Question

People have been telling me that "GPU renders triangles only".

But how do you explain GPU rendering a quad with 4 lines only in the wireframe mode, shouldnt it be rendering it with 5 lines since GPU cannot understand quads ?

On the other hand, how can i emulate quads in the future where GL_QUADS is banned ? do i need a shader for it, do i need to generate new array of lines for each object and i cant just simply switch from GL_FILL to GL_LINE ?

Was it helpful?

Solution

Lines are something different than filled primitives. When switching to glPolygonMode(…, GL_LINE) whenever a filled primitive is started (GL_TRIANGLES, GL_QUADS), OpenGL won't sent commands for filled primitives, but lines between the vertices of the filled primitive.
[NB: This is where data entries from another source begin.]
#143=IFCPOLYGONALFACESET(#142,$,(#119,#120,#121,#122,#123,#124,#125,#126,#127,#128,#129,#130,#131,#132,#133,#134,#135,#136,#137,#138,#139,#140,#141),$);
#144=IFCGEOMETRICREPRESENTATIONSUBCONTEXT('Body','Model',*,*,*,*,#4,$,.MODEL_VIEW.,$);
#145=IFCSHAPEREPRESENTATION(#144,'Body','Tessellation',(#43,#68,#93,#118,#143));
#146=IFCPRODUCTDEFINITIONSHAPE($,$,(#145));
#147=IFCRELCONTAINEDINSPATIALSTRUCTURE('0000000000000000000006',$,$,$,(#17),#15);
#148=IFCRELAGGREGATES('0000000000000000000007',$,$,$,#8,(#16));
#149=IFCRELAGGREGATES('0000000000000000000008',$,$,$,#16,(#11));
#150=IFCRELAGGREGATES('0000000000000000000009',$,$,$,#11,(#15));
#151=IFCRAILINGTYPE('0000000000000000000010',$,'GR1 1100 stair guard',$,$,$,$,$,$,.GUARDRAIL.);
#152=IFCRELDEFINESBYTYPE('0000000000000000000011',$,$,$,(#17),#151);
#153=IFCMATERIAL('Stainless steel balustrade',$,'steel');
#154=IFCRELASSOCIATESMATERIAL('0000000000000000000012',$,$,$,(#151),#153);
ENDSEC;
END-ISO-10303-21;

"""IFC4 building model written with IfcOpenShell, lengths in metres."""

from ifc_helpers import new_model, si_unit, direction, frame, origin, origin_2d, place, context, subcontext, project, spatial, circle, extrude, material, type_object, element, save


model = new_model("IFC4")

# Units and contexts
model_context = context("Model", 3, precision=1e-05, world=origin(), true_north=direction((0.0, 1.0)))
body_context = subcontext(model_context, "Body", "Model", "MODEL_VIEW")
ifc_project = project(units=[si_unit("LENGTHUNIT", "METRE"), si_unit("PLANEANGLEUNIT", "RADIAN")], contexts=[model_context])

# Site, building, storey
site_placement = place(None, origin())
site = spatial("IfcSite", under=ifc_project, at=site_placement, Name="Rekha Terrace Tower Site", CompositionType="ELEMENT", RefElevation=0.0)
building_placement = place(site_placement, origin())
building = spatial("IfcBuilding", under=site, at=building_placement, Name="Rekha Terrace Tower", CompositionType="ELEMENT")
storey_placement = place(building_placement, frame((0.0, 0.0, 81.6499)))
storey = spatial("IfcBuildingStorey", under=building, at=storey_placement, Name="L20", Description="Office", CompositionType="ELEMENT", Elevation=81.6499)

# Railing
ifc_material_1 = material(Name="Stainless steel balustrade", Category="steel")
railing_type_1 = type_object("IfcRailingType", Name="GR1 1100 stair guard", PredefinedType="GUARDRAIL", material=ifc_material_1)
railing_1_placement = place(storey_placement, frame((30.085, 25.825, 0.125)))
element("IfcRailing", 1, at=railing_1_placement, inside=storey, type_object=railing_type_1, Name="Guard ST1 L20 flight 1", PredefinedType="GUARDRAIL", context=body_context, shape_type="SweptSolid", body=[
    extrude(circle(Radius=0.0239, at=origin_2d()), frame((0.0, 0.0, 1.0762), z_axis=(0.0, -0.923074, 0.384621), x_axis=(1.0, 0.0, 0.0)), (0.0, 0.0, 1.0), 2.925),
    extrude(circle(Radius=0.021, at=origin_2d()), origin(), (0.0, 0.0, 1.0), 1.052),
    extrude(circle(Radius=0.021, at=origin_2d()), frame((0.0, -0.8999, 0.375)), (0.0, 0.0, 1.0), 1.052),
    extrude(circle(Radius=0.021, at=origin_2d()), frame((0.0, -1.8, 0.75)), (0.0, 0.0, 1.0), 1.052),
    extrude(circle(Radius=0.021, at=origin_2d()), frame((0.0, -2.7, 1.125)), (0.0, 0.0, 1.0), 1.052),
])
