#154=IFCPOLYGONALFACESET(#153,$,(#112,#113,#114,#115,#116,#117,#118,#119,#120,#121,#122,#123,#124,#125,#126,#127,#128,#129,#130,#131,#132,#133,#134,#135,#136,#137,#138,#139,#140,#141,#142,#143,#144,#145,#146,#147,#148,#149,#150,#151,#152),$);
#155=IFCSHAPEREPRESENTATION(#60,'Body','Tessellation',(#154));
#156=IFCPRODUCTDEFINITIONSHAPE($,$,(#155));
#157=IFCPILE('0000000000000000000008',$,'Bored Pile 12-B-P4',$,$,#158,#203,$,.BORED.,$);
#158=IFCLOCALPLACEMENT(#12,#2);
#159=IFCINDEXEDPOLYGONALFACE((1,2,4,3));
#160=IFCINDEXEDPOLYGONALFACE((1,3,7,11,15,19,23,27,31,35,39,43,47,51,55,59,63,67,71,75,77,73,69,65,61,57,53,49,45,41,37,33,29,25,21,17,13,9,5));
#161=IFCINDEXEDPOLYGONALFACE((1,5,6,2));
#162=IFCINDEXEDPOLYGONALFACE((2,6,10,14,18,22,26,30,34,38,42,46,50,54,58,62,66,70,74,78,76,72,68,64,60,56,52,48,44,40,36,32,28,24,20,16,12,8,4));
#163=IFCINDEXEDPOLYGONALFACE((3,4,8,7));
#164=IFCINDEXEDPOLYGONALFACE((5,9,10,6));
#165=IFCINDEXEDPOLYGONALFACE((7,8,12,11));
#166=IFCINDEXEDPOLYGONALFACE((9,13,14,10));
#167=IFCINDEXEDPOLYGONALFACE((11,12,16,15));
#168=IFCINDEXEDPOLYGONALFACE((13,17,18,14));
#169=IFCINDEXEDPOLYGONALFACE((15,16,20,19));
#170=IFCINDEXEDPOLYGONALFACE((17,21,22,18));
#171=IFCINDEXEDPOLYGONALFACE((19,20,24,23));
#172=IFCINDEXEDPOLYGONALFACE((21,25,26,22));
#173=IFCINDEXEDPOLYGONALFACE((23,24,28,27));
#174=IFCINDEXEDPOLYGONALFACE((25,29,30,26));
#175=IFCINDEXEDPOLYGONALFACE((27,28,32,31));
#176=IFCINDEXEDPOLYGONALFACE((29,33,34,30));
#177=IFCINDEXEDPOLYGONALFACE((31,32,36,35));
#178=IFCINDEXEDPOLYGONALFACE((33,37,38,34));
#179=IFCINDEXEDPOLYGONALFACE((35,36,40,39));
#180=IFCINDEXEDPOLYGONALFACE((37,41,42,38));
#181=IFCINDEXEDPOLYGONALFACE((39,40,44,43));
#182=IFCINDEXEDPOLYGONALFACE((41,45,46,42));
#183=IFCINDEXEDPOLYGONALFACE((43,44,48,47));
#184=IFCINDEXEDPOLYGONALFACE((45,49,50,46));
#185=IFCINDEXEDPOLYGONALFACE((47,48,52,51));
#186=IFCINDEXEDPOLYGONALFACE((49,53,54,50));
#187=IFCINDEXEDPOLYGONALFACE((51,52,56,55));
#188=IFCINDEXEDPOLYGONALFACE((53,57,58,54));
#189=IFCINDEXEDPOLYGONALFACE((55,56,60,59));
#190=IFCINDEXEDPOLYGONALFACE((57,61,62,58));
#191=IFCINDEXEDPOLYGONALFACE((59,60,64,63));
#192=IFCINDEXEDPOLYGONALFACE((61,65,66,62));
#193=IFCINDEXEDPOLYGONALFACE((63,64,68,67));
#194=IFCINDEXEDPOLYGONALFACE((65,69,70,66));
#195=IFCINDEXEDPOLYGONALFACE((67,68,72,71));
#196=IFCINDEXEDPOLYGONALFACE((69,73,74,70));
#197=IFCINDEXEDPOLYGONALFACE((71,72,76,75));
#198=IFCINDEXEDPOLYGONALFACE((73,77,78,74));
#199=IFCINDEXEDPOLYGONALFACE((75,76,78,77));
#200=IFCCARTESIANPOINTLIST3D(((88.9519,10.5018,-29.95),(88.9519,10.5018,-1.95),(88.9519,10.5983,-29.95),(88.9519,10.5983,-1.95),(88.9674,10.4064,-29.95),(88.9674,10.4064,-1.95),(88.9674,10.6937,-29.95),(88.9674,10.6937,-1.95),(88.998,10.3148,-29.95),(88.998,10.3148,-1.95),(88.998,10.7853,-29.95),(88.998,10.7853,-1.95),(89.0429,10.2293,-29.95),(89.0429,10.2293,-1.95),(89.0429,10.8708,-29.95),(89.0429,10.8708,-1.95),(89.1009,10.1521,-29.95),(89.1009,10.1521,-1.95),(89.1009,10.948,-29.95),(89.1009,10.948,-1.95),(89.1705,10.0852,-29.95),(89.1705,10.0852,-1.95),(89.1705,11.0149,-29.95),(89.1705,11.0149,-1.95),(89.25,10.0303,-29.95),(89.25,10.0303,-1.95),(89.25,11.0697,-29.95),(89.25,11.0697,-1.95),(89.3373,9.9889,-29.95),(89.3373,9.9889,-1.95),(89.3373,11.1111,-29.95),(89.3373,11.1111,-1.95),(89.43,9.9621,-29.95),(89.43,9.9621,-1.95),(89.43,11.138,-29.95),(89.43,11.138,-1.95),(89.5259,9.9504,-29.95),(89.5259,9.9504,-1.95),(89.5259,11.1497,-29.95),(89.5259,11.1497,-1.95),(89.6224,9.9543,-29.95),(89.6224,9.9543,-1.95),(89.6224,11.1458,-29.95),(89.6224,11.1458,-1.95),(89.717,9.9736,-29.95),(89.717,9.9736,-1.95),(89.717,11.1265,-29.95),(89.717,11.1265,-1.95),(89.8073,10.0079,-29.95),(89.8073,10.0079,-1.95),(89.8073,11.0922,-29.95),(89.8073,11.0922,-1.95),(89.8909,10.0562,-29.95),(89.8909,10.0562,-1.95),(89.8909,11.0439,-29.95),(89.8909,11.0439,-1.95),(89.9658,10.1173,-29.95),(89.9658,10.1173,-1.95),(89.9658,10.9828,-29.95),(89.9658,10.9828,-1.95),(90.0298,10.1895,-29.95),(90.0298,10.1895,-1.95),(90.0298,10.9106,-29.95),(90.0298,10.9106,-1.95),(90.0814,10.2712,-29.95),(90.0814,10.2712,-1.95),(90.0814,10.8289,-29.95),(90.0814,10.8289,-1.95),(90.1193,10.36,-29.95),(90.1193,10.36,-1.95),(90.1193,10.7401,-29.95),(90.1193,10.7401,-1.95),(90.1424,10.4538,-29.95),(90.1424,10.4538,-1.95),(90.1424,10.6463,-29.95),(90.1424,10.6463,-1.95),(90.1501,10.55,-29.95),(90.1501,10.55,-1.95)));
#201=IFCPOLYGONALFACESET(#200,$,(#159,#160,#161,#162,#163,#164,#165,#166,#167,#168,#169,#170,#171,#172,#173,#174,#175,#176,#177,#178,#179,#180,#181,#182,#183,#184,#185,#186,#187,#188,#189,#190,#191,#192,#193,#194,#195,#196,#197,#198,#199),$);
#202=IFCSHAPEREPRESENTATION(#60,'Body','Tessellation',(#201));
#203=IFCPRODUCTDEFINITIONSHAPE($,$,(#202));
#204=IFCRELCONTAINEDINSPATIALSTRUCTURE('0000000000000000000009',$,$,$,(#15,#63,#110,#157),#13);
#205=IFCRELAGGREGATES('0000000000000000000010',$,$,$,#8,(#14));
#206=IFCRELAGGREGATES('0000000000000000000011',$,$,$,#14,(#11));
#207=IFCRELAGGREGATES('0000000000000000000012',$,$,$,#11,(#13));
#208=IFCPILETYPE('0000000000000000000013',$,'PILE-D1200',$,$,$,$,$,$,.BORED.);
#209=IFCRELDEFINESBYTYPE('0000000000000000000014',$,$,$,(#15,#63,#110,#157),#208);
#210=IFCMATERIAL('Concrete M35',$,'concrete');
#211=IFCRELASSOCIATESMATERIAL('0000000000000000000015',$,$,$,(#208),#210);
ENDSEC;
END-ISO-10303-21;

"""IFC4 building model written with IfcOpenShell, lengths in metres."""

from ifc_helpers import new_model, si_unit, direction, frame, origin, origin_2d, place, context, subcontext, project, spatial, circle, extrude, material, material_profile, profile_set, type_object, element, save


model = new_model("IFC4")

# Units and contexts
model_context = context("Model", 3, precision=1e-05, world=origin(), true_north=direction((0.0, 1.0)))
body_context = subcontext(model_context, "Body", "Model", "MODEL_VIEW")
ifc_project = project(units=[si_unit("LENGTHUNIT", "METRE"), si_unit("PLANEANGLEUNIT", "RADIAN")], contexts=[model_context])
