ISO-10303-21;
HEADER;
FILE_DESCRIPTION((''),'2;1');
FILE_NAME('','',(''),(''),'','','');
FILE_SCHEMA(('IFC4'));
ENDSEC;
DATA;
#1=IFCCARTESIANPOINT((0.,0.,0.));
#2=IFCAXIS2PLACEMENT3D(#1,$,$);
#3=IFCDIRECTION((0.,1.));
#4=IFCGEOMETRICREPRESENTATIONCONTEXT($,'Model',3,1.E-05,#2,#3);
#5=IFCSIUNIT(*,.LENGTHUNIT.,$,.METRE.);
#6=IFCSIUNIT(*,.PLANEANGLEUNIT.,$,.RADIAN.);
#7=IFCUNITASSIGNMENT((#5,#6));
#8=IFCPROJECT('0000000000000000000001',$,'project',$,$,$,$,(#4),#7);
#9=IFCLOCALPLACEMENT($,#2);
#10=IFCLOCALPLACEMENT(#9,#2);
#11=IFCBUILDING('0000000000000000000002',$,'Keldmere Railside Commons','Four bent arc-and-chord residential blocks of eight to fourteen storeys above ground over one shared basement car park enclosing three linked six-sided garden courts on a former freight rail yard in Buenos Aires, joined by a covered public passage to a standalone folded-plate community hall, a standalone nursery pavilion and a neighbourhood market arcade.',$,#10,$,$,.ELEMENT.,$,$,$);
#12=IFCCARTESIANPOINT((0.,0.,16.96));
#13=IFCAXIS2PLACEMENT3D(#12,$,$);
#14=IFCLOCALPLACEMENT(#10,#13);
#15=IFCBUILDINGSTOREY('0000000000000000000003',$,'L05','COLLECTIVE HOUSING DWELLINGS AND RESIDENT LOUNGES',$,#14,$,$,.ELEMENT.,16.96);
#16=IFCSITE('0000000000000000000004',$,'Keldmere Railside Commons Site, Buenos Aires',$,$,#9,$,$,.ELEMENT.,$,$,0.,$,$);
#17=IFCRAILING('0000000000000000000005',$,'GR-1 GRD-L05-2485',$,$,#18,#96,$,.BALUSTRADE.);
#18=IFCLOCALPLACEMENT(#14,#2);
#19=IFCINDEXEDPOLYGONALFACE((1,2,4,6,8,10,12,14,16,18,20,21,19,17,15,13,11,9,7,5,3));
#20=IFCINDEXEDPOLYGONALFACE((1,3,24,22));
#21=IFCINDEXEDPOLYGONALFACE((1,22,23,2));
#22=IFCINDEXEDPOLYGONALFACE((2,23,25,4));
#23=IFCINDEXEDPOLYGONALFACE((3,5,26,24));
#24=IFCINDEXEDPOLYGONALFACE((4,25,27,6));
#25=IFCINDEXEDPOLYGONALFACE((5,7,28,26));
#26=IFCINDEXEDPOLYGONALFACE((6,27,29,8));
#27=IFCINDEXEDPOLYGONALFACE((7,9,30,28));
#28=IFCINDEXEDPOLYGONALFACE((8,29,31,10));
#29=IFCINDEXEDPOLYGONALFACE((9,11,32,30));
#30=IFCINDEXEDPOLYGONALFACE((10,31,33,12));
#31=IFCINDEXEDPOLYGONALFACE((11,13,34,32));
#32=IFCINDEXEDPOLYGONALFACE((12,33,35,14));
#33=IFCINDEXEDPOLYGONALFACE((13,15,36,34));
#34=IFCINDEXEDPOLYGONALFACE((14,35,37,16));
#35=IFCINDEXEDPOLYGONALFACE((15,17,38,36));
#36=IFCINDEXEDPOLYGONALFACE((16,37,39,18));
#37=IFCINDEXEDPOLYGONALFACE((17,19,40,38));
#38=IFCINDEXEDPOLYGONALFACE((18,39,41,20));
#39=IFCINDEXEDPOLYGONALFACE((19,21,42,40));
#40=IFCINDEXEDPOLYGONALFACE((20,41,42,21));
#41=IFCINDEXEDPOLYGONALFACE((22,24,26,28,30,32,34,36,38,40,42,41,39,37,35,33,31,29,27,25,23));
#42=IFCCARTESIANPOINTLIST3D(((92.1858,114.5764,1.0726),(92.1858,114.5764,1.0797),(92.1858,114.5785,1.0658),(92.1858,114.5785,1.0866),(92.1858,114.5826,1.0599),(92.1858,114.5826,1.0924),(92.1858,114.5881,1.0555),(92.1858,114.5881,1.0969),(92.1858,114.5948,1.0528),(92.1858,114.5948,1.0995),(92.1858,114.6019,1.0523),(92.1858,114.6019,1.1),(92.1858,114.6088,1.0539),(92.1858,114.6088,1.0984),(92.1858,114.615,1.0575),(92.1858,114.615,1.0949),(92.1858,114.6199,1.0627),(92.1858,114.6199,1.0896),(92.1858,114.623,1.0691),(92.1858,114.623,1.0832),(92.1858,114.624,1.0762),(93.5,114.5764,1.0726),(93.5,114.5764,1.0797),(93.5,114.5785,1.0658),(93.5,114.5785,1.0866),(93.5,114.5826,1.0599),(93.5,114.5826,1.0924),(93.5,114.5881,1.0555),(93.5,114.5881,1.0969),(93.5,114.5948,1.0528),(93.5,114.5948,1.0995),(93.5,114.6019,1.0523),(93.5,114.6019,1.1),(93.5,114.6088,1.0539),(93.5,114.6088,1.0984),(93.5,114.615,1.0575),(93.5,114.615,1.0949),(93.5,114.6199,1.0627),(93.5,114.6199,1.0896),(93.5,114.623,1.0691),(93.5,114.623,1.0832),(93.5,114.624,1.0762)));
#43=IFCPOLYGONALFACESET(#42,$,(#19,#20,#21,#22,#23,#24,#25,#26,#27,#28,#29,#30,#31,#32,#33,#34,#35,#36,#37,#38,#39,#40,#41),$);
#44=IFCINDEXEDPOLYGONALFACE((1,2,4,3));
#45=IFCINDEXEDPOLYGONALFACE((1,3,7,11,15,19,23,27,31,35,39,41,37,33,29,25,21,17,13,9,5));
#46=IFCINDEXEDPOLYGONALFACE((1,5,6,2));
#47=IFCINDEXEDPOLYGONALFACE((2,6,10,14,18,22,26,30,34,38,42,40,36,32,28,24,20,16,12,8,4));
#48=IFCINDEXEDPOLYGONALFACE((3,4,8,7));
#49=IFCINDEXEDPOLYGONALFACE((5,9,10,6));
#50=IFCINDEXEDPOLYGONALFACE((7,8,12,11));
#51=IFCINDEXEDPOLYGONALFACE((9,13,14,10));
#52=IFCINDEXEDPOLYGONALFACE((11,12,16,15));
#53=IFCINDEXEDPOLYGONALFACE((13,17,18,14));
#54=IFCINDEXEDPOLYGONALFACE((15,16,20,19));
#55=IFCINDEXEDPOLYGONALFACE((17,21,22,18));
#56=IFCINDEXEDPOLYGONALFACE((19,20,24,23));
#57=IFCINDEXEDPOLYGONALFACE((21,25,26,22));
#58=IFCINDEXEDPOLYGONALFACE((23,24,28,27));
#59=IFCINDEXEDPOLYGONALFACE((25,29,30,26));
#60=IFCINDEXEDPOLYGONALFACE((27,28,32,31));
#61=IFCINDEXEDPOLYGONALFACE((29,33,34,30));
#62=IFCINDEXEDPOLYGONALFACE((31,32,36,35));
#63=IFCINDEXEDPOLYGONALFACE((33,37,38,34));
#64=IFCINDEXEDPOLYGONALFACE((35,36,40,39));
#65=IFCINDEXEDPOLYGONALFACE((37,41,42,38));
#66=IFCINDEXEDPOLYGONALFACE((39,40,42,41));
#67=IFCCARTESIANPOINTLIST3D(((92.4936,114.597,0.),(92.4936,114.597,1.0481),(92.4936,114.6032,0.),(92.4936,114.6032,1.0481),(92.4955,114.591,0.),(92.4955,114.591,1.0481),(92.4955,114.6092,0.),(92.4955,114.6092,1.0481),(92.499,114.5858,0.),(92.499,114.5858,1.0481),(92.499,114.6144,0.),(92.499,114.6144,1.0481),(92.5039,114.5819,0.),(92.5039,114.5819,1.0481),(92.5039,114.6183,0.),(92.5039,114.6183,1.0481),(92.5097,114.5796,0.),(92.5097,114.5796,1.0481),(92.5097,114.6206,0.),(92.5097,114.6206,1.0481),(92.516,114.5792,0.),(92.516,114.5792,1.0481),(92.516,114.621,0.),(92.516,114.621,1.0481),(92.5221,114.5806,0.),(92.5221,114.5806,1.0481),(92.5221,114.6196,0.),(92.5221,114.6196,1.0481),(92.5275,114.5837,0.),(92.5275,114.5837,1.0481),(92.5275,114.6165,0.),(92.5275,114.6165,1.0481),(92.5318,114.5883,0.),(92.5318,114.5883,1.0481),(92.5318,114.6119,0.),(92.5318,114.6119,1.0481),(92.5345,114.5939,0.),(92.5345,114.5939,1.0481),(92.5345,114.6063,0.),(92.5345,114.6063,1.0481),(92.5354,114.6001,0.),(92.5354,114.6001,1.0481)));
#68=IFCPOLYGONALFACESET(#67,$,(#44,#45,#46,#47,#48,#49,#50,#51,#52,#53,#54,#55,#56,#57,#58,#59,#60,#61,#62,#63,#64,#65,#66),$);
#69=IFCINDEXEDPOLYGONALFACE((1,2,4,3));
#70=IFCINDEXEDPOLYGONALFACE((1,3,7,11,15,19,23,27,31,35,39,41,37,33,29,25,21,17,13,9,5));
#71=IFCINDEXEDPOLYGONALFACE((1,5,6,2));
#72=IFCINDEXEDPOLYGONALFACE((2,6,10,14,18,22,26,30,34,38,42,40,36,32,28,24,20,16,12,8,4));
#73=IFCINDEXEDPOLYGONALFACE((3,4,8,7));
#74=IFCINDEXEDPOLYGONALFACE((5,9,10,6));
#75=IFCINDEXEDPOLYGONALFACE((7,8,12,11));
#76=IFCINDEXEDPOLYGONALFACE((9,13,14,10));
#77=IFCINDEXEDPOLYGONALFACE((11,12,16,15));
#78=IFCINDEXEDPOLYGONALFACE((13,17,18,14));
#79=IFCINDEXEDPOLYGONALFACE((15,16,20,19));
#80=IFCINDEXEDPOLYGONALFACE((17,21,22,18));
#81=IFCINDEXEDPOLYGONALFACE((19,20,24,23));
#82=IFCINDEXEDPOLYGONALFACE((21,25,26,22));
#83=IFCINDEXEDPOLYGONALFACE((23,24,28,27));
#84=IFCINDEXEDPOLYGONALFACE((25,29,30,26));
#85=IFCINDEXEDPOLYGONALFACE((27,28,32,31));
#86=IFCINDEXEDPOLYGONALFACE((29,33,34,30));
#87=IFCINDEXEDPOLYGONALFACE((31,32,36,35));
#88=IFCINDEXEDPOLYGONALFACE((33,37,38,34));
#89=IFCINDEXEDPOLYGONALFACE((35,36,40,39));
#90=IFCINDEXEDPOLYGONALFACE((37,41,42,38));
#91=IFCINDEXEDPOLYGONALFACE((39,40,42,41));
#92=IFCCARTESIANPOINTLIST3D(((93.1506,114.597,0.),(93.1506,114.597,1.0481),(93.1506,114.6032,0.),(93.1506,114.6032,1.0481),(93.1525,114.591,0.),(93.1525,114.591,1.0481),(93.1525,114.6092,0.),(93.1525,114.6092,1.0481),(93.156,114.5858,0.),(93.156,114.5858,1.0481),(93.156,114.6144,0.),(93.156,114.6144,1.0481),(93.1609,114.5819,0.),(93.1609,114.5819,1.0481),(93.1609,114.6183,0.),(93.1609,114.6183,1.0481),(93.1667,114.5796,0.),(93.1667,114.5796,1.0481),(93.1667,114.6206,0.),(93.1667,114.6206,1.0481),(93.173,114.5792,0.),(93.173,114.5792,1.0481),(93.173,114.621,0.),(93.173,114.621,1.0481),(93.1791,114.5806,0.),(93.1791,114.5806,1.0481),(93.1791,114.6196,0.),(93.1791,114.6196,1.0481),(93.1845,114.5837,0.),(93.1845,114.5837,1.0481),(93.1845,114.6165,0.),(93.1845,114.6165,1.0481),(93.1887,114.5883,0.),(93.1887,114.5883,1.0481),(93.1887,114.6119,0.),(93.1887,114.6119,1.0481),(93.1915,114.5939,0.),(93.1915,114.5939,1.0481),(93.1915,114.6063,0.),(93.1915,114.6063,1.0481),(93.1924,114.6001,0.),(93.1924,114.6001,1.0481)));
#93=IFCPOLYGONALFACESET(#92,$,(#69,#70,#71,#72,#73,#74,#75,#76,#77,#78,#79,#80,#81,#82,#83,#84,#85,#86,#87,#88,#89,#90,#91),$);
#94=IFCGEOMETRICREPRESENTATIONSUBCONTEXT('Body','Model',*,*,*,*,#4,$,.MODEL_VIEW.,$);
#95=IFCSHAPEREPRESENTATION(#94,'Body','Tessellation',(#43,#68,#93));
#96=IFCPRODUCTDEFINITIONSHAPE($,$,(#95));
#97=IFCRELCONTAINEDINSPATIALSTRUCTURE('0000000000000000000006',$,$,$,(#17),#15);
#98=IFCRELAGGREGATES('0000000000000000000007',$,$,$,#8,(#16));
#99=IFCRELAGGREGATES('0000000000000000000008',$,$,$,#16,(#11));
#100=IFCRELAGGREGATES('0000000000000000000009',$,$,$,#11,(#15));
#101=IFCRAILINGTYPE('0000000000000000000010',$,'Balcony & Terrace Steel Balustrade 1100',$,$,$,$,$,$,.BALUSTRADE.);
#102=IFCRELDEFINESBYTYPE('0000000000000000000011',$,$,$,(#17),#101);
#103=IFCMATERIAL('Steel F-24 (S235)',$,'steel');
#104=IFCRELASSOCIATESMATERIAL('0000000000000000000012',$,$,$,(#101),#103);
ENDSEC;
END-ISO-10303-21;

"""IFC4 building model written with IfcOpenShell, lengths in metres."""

from ifc_helpers import new_model, si_unit, direction, frame, origin, origin_2d, place, context, subcontext, project, spatial, circle, extrude, material, type_object, element, save


model = new_model("IFC4")

# Units and contexts
model_context = context("Model", 3, precision=1e-05, world=origin(), true_north=direction((0.0, 1.0)))
body_context = subcontext(model_context, "Body", "Model", "MODEL_VIEW")
ifc_project = project(units=[si_unit("LENGTHUNIT", "METRE"), si_unit("PLANEANGLEUNIT", "RADIAN")], contexts=[model_context])

# Site, building, storey
site_placement = place(None, origin())
site = spatial("IfcSite", under=ifc_project, at=site_placement, Name="Keldmere Railside Commons Site, Buenos Aires", CompositionType="ELEMENT", RefElevation=0.0)
building_placement = place(site_placement, origin())
building = spatial("IfcBuilding", under=site, at=building_placement, Name="Keldmere Railside Commons", Description="Four bent arc-and-chord residential blocks of eight to fourteen storeys above ground over one shared basement car park enclosing three linked six-sided garden courts on a former freight rail yard in Buenos Aires, joined by a covered public passage to a standalone folded-plate community hall, a standalone nursery pavilion and a neighbourhood market arcade.", CompositionType="ELEMENT")
storey_placement = place(building_placement, frame((0.0, 0.0, 16.96)))
storey = spatial("IfcBuildingStorey", under=building, at=storey_placement, Name="L05", Description="COLLECTIVE HOUSING DWELLINGS AND RESIDENT LOUNGES", CompositionType="ELEMENT", Elevation=16.96)

# Railing
ifc_material_1 = material(Name="Steel F-24 (S235)", Category="steel")
railing_type = type_object("IfcRailingType", Name="Balcony & Terrace Steel Balustrade 1100", PredefinedType="BALUSTRADE", material=ifc_material_1)
railing_1_placement = place(storey_placement, frame((92.1858, 114.6001, 0.0)))
element("IfcRailing", 1, at=railing_1_placement, inside=storey, type_object=railing_type, Name="GR-1 GRD-L05-2485", PredefinedType="BALUSTRADE", context=body_context, shape_type="SweptSolid", body=[
    extrude(circle(Radius=0.0239, at=origin_2d()), frame((0.0, 0.0, 1.0762), z_axis=(1.0, 0.0, 0.0), x_axis=(0.0, 1.0, 0.0)), (0.0, 0.0, 1.0), 1.3142),
    extrude(circle(Radius=0.021, at=origin_2d()), frame((0.3286, 0.0, 0.0)), (0.0, 0.0, 1.0), 1.0481),
    extrude(circle(Radius=0.021, at=origin_2d()), frame((0.9856, 0.0, 0.0)), (0.0, 0.0, 1.0), 1.0481),
])

save(model, "model.ifc")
So GL_TRIANGLES translates to tupled of 3 GL_LINES, GL_QUADS translates to tuples of 4 GL_LINES. GL_POLYGON is translated to a GL_LINE_LOOP. Of course those translations don't happen in terms of OpenGL, but the OpenGL driver will send commands to the GPU that are equivalent to what would have been sent; also there are some subtle differences between GL_LINE polygon mode and sending actual lines, most notably the evaluation of the edge flag.

OTHER TIPS

I din't understand your question fully but from what I understood here is the answer.

There are 2 concepts
1. Interpolation Used for figuring out which pixels are to be drawn on a line.
2. Rasterization Used for figuring out what properties (colors, texture etc.) to be assigned to the pixels lying inside a triangle. GPU can raster only triangles and interpolate only lines. So when you are in a wireframe model only interpolation of the boundary of polygons is done. But when we are in solid geometry model along with interpolation we also raster the polygon.